Other circumstances too, combined in their operation, to produce this result. The plan of Lord Dunmore and others, to induce the Indians to co-operate with the English in reducing Virginia to subjection, and defeated by the detection and apprehension of Connoly, was soon after resumed on a more extensive scale. British agents were busily engaged from Canada to the Gulph of Mexico, in endeavoring by immediate presents and the promise of future reward, to excite the savages to a war upon the western frontiers. To accomplish this object, no means which were likely to be of any avail, were neglected to be used. Gratified resentment and the certainty of plunder, were held up to view as present consequences of this measure; and the expulsion of the whites, and the repossession, by the Natives, of the country from which their fathers had been ejected, as its ultimate result.––Less cogent motives might have enlisted them on the side of Great Britain. These were too strong to be resisted by them, and too powerful to be counteracted by any course of conduct, which the colonies could observe towards them; and they became ensnared by the delusive bait, and the insidious promises which accompanied it.

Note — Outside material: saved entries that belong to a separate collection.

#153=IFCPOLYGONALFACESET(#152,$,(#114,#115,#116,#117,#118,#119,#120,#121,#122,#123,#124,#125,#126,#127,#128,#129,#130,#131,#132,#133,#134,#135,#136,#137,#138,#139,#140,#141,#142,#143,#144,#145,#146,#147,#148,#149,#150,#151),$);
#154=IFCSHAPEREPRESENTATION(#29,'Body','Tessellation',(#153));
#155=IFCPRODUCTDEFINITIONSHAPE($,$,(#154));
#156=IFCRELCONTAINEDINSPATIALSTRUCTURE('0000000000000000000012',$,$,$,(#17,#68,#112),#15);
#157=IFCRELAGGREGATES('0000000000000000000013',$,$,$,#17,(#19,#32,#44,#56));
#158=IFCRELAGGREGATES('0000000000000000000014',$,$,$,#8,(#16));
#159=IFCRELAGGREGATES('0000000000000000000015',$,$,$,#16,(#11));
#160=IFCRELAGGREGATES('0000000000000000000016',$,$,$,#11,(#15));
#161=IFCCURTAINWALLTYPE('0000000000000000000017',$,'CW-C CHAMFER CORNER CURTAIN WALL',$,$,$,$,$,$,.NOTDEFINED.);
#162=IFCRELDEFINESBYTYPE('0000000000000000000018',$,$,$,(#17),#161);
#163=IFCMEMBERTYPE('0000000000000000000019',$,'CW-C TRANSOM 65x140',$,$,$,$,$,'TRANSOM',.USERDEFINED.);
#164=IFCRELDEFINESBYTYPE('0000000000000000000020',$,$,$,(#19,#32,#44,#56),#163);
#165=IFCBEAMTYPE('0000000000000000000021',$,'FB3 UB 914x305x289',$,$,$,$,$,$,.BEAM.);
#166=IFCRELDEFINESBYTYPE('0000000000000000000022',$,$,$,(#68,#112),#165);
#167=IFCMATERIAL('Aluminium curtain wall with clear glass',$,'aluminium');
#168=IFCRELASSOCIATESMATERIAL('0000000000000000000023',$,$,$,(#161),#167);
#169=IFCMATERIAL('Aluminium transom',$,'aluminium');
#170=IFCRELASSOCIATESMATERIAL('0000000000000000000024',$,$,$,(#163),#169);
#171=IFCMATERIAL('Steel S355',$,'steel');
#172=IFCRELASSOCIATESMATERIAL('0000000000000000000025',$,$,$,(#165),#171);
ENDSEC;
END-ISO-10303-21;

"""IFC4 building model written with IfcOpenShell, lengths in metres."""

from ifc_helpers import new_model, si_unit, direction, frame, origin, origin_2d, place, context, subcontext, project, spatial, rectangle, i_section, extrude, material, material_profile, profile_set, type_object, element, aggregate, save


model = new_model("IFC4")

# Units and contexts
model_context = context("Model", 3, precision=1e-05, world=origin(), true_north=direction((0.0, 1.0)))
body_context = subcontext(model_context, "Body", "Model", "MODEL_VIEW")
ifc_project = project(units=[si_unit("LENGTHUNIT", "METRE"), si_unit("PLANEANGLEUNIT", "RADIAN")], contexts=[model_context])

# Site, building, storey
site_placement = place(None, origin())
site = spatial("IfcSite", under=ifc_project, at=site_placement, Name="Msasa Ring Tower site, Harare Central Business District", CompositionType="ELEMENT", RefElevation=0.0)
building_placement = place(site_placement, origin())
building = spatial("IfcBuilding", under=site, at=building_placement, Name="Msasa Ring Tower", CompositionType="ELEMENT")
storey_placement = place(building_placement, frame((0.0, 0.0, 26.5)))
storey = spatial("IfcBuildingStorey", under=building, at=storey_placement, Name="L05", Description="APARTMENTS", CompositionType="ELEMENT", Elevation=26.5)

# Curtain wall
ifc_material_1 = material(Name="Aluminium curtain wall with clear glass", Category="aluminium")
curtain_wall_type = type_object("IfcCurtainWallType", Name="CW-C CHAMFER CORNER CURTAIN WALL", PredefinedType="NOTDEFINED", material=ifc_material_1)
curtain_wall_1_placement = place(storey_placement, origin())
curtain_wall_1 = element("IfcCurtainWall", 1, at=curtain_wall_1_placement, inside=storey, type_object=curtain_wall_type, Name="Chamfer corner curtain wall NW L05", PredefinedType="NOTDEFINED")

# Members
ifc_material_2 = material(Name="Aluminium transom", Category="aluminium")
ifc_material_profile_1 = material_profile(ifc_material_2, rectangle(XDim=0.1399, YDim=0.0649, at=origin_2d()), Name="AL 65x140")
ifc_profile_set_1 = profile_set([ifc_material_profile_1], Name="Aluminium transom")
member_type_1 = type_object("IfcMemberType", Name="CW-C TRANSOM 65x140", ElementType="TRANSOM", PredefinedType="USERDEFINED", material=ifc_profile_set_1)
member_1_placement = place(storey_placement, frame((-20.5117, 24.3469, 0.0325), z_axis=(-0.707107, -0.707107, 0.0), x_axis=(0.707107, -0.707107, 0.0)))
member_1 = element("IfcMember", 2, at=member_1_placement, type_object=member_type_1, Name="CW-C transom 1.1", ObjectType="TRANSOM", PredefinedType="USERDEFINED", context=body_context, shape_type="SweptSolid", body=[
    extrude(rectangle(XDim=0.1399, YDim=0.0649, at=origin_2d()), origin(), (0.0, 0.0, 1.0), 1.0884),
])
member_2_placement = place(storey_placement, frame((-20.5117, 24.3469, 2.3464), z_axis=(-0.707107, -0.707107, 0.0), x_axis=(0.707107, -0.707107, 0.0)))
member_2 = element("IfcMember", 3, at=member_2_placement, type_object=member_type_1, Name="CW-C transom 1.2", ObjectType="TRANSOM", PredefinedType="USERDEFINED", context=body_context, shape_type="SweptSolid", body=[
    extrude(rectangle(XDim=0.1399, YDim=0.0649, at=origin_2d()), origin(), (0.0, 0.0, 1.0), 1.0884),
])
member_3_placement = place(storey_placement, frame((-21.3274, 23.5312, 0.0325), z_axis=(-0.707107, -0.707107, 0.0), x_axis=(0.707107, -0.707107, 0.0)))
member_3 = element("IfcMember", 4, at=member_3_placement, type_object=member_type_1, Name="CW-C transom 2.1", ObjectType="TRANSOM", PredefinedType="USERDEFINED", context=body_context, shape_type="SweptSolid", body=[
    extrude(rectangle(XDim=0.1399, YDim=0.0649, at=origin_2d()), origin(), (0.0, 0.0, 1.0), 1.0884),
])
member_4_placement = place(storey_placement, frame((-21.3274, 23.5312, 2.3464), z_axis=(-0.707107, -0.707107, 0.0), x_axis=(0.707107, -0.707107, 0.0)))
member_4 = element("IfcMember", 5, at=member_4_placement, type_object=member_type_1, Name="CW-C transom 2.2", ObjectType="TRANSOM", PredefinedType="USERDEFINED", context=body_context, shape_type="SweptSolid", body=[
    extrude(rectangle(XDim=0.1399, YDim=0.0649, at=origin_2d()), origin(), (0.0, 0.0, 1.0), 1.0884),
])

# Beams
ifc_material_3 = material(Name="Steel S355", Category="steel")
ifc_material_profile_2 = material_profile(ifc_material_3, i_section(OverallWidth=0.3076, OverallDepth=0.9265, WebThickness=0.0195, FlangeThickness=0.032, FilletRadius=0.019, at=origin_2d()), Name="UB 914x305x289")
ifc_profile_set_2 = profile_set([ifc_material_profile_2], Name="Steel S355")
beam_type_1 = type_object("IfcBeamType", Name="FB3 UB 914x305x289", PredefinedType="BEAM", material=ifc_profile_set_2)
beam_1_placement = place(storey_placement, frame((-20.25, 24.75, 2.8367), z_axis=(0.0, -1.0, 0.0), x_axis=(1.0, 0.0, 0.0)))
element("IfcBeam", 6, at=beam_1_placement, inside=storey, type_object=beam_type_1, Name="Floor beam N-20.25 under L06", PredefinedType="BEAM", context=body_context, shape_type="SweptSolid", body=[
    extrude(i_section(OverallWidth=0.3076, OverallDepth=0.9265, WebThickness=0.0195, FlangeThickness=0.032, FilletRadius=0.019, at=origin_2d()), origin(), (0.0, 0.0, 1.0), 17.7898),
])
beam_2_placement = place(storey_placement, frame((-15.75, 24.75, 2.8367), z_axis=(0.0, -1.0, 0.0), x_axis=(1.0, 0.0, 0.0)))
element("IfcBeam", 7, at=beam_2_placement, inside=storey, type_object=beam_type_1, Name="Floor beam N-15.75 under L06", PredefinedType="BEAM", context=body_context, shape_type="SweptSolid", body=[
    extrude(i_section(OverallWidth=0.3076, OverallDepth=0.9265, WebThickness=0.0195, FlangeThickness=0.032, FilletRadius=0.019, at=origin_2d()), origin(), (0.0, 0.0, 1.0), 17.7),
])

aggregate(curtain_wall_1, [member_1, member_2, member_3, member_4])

There were in the colonies too, many persons, who from principle or fear, were still attached to the cause of Great Britain; and who not only, did not sanction the opposition of their country to the supremacy of Parliament, 189 but were willing in any wise to lend their aid to the royal cause. Some of those disaffected Americans, (as they were at first denominated) who resided on the frontiers, foreseeing the [141] attachment of the Indians to the side of Britain, and apprehensive that in their inroads, the friends as well as the enemies of that country, might, from the difficulty of discriminating, be exposed to savage fury; and at the same time, sensible that they had become obnoxious to a majority of their neighbors, who were perhaps, too much inclined to practice summary modes of punishment, sought a refuge among the Indians, from those impending evils. In some instances, these persons were under the influence of the most rancorous and vindictive passions, and when once with the savages, strove to infuse those passions into their breasts, and stimulate them to the repetition of those enormities, which had previously, so terribly annoyed the inhabitants of the different frontiers.[1] Thus wrought upon, their inculcated enmity to the Anglo-Americans generally, roused them to action, and the dissonant notes of the war song, resounded in their villages. For a while indeed, they refrained from hostilities against North Western Virginia. It was however, but to observe the progress of passing events, that they might act against the mountain borders, simultaneously with the British on the Atlantic coast; as a premature movement on their part, might, while Virginia was yet at liberty to bear down upon them with concentrated forces, bring upon their towns the destruction which had so appallingly threatened them after the battle at Point Pleasant.